Thursday, July 29, 2010

Home-Sprung Business Models: Part I

Preen The Passion

Debbie Fields Rose
Founder: Mrs. Fields Cookies

Passion is one thing, which enthuses an entrepreneur. Unless you are passionate about the business you do, it is unlikely that you will be successful.

Let us put it the other way. If you have a passion, can it be turned into business? Can it be integrated with innovation and launched in the market as a full-fledged business?
Yes this course can be taken, as has been many times in the entrepreneurial history.

Many women entrepreneurs have been successful in their ventures when they turned their passions into business. One classic example of this fact would be Debbie Fields Rose, founder of Mrs. Fields Cookies.

As a child Debbie Fields loved making cookies. She got married to Randy Fields, (a Stanford graduate), and was relegated as a homemaker. She found it difficult to answer at various social gatherings as to what she was doing for a life. In 1977, Debbie decided to open a chocolate-cookie shop. Debbie Fields baked great cookies. Business efficiency and customer satisfaction were her two focal points. She is an example of someone who started out small and made it big. She even became a Harvard Business School Case Study on business efficiency.

The Perspective:
Back in 1977, selling cookies was an untried concept. Debbie Fields initiated with a relatively simple new concept in an untapped market segment, by merely perfecting her passion [i.e. baking cookies], and executing it well, keeping customer satisfaction as her priority. Her company motto "Good enough never is", says all about her business philosophy.
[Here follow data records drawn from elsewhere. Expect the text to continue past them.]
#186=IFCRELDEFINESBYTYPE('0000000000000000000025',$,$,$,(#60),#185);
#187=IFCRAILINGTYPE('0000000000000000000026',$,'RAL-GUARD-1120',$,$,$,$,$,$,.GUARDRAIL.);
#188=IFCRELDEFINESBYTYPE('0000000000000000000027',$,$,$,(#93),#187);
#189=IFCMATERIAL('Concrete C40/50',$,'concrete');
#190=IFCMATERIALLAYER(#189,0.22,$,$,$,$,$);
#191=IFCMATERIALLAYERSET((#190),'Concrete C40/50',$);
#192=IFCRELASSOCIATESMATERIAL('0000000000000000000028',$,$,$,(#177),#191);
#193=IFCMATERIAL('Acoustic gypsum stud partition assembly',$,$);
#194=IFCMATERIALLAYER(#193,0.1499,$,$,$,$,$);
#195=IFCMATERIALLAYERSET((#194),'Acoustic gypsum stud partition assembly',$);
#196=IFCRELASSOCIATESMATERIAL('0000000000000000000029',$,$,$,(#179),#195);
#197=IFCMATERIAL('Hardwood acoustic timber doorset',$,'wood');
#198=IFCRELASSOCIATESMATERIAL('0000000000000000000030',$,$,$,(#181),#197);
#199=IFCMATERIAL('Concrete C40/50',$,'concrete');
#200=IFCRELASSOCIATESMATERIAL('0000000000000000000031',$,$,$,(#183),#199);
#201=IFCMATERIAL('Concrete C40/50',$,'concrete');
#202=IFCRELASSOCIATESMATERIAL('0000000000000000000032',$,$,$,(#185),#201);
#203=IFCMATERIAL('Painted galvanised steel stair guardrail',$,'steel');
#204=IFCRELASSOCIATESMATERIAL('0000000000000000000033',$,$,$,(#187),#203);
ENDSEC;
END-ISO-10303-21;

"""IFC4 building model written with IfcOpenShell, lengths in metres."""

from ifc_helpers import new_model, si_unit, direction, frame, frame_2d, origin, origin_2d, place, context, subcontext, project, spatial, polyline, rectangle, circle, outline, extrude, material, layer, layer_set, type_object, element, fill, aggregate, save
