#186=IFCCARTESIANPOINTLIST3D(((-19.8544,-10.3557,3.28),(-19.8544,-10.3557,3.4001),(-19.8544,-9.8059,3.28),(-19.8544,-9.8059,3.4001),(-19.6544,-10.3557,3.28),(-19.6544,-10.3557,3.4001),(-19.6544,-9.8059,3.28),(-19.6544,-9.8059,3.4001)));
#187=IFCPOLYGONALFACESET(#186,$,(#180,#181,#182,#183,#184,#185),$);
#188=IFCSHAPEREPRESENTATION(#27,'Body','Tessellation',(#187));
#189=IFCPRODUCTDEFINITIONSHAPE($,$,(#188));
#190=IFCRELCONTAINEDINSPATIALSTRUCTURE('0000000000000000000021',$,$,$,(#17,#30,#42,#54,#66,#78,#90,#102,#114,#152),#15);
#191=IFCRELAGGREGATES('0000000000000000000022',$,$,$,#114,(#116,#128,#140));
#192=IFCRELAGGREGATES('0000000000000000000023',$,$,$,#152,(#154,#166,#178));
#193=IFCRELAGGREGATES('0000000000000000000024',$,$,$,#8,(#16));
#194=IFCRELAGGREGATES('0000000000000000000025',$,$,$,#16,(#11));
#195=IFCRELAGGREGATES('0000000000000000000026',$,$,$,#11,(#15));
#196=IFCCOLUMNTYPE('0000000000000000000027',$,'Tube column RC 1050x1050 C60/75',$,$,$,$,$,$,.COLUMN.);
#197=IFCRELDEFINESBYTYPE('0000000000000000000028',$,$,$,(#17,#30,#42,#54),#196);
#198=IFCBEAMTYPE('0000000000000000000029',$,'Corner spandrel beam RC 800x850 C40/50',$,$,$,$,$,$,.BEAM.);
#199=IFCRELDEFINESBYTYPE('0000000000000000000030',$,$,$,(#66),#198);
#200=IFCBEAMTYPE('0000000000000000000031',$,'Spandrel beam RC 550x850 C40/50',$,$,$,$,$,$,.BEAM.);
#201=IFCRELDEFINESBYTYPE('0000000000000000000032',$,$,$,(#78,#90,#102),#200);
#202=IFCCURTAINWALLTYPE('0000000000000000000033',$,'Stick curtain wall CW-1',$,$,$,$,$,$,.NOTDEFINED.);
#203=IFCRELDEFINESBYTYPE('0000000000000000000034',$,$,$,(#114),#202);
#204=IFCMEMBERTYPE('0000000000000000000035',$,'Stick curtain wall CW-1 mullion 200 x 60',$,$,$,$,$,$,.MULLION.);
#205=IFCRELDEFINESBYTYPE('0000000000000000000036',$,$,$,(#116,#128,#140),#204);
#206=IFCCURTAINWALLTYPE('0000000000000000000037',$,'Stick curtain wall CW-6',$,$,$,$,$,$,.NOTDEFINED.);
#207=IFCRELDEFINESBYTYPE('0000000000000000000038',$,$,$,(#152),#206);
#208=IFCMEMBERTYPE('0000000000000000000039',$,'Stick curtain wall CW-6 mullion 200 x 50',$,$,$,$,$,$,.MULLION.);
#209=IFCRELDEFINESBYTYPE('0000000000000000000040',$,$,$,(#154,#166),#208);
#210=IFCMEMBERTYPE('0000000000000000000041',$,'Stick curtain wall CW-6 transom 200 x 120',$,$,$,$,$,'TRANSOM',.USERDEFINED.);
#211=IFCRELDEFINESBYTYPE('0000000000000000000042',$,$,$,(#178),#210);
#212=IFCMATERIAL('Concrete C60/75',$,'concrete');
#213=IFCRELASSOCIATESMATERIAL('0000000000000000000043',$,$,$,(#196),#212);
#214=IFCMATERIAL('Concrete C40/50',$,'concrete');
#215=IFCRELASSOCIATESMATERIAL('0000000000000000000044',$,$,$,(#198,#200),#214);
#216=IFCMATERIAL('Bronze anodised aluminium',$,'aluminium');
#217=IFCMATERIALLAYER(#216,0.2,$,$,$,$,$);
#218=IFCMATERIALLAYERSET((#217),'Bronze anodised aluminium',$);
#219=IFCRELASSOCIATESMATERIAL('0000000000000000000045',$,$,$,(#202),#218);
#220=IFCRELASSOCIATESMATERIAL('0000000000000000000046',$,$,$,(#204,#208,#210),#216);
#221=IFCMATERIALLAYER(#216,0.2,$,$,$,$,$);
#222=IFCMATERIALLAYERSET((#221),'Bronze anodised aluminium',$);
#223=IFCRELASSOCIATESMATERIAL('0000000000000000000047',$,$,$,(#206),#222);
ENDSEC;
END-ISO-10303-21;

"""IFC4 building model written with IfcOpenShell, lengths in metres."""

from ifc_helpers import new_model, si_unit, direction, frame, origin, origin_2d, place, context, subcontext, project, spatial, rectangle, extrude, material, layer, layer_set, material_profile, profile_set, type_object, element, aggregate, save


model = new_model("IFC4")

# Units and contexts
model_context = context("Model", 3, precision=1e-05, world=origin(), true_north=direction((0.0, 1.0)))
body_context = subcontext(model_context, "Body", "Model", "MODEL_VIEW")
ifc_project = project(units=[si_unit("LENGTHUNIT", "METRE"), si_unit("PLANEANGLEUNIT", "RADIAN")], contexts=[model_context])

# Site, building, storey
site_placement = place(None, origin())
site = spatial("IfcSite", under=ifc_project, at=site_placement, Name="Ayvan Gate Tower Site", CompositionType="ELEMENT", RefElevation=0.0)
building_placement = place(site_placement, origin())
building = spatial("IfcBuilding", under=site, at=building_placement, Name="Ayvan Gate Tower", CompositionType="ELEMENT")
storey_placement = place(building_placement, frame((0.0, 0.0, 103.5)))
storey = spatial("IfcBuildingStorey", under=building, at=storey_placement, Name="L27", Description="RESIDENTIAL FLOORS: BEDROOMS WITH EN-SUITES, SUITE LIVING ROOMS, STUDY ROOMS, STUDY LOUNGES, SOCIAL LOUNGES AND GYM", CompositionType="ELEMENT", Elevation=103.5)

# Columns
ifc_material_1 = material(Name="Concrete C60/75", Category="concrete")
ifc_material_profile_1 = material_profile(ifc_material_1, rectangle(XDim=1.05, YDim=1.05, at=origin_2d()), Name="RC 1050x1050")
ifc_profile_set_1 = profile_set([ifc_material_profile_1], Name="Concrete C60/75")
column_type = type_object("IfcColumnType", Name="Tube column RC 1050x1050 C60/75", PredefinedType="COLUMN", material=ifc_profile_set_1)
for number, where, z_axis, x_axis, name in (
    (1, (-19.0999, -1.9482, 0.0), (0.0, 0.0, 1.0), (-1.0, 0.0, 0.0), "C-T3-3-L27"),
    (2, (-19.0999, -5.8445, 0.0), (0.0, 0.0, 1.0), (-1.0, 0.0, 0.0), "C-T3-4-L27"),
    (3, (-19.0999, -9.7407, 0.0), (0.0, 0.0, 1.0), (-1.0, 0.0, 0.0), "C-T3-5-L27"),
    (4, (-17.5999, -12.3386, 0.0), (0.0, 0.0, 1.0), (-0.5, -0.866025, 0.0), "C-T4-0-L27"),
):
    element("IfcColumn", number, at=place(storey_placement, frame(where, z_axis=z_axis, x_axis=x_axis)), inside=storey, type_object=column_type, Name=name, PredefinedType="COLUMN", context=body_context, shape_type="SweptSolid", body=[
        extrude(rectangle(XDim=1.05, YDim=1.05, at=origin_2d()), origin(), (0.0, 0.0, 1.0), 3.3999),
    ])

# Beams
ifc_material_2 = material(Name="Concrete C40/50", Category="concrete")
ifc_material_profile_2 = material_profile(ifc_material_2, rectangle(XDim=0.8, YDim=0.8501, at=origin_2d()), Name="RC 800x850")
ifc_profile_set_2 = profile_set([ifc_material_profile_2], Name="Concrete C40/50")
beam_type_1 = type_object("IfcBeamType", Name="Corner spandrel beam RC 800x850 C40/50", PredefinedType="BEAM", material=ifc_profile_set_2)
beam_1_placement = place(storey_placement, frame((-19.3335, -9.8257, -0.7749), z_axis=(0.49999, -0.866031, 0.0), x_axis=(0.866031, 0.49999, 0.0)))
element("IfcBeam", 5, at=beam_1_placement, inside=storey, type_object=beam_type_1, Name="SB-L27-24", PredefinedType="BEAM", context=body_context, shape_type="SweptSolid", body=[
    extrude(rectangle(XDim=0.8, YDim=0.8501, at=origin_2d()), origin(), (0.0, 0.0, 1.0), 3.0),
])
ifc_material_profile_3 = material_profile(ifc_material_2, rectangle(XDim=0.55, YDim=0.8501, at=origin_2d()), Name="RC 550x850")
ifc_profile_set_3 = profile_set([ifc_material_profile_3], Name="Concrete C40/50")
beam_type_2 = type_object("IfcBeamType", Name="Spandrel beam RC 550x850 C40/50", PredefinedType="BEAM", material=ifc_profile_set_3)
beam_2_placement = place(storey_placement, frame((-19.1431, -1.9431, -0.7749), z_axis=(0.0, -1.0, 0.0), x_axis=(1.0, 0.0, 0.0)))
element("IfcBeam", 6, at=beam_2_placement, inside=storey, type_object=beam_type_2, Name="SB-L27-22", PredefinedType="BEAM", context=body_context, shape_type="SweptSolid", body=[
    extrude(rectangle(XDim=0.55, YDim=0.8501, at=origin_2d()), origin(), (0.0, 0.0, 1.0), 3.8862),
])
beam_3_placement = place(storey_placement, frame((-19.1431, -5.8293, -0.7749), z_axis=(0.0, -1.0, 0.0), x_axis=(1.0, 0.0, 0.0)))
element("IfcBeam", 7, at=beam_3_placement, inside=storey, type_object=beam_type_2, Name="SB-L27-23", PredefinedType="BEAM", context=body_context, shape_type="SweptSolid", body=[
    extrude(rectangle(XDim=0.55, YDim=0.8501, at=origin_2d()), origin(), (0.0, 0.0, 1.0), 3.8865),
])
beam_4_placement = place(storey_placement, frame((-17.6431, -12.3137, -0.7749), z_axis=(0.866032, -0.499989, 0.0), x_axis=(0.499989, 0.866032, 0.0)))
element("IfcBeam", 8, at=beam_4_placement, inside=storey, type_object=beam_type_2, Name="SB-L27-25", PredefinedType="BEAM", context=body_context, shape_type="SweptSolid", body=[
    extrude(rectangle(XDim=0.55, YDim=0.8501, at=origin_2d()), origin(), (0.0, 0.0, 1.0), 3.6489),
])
It is a hard work and toil to run any start-up no matter how simple a concept is. The crux of the matter is to identify and focus the key differentiator in the whole business proposition and to focus on maintaining and constantly innovating on that differentiator. In case of Mrs. Fields Cookies, Debbie Fields kept the focus on maintaining the quality [taste] of her cookies, which was the reason why she had customers streaming in for repeat buying. She also increased her product assortment by introducing many types of cookies.
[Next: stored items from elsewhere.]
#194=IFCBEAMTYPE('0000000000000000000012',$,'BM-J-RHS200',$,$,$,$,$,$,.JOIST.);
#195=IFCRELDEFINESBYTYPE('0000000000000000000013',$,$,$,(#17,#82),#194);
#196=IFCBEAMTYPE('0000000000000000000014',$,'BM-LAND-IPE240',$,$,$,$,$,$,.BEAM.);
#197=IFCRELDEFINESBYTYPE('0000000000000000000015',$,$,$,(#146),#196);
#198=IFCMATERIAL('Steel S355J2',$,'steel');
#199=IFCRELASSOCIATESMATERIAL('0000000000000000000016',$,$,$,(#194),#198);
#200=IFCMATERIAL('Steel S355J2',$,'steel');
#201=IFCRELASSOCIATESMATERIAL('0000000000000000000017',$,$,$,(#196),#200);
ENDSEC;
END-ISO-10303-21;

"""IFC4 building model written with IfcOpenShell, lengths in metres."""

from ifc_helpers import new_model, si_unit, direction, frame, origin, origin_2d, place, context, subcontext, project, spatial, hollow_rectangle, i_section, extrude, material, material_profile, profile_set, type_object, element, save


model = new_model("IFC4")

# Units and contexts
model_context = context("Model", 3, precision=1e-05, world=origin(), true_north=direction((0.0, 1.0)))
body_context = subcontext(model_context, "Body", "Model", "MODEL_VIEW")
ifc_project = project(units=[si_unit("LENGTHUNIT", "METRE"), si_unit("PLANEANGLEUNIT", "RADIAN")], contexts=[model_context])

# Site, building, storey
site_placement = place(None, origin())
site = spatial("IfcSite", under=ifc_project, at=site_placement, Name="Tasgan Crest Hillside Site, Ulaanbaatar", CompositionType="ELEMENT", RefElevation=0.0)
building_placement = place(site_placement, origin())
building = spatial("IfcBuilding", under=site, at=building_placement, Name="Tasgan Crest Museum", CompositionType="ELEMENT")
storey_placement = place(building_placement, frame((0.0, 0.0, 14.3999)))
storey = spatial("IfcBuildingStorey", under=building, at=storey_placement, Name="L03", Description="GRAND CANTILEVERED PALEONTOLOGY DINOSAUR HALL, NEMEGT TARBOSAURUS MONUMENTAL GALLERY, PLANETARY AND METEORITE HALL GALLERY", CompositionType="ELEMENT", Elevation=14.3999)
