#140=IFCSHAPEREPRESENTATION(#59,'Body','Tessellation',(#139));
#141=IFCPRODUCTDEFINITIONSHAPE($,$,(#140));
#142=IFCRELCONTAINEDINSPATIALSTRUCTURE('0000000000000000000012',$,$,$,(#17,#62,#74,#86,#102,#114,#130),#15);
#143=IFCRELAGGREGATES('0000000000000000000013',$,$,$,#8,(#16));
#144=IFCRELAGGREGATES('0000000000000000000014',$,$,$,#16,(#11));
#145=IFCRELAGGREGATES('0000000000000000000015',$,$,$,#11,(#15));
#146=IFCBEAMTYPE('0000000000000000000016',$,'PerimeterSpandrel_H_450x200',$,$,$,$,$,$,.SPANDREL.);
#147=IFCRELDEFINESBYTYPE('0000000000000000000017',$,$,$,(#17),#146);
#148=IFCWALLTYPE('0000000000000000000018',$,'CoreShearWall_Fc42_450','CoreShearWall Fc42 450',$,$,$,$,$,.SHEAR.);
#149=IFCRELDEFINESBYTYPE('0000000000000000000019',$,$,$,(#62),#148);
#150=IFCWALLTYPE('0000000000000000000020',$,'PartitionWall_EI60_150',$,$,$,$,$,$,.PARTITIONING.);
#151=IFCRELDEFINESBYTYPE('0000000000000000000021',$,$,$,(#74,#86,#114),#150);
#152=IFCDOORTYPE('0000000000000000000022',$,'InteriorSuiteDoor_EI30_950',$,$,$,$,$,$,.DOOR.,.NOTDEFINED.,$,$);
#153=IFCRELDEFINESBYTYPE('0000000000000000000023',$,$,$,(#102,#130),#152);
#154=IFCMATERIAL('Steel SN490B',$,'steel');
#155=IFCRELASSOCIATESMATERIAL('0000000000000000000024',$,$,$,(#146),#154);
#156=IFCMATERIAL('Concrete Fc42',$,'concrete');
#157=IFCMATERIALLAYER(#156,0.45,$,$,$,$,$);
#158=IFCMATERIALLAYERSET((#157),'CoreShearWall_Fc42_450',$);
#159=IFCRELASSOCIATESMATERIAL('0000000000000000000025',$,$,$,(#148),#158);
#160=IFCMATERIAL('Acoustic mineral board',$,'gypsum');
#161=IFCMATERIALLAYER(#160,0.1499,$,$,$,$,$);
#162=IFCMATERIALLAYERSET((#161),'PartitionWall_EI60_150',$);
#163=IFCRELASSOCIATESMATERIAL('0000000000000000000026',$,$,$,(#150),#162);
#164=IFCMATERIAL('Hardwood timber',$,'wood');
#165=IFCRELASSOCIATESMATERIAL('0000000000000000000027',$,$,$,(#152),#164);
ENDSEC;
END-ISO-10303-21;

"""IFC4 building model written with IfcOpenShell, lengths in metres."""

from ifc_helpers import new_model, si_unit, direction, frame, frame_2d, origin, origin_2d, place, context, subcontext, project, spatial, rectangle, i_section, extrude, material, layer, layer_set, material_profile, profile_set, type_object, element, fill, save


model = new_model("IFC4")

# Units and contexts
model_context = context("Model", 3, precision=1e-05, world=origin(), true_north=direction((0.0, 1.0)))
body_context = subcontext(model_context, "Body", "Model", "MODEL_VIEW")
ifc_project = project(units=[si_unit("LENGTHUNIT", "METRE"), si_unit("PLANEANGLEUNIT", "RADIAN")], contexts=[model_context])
It is equally important to gauge the increasing demand and cope up with the production [baking cookies] without any slack in supply and without any compromise on quality. This means having a good forecast for all the raw material needed, balancing the production vis-a-vis consumption with least shelf life for the cookies, planning for the manpower and contingencies like sudden absence/shortfall of either the raw materials or the manpower.

One of her quotes very aptly summarizes everything here - "The important thing is not being afraid to take a chance. Remember, the greatest failure is to not try. Once you find something you love to do, be the best at doing it”.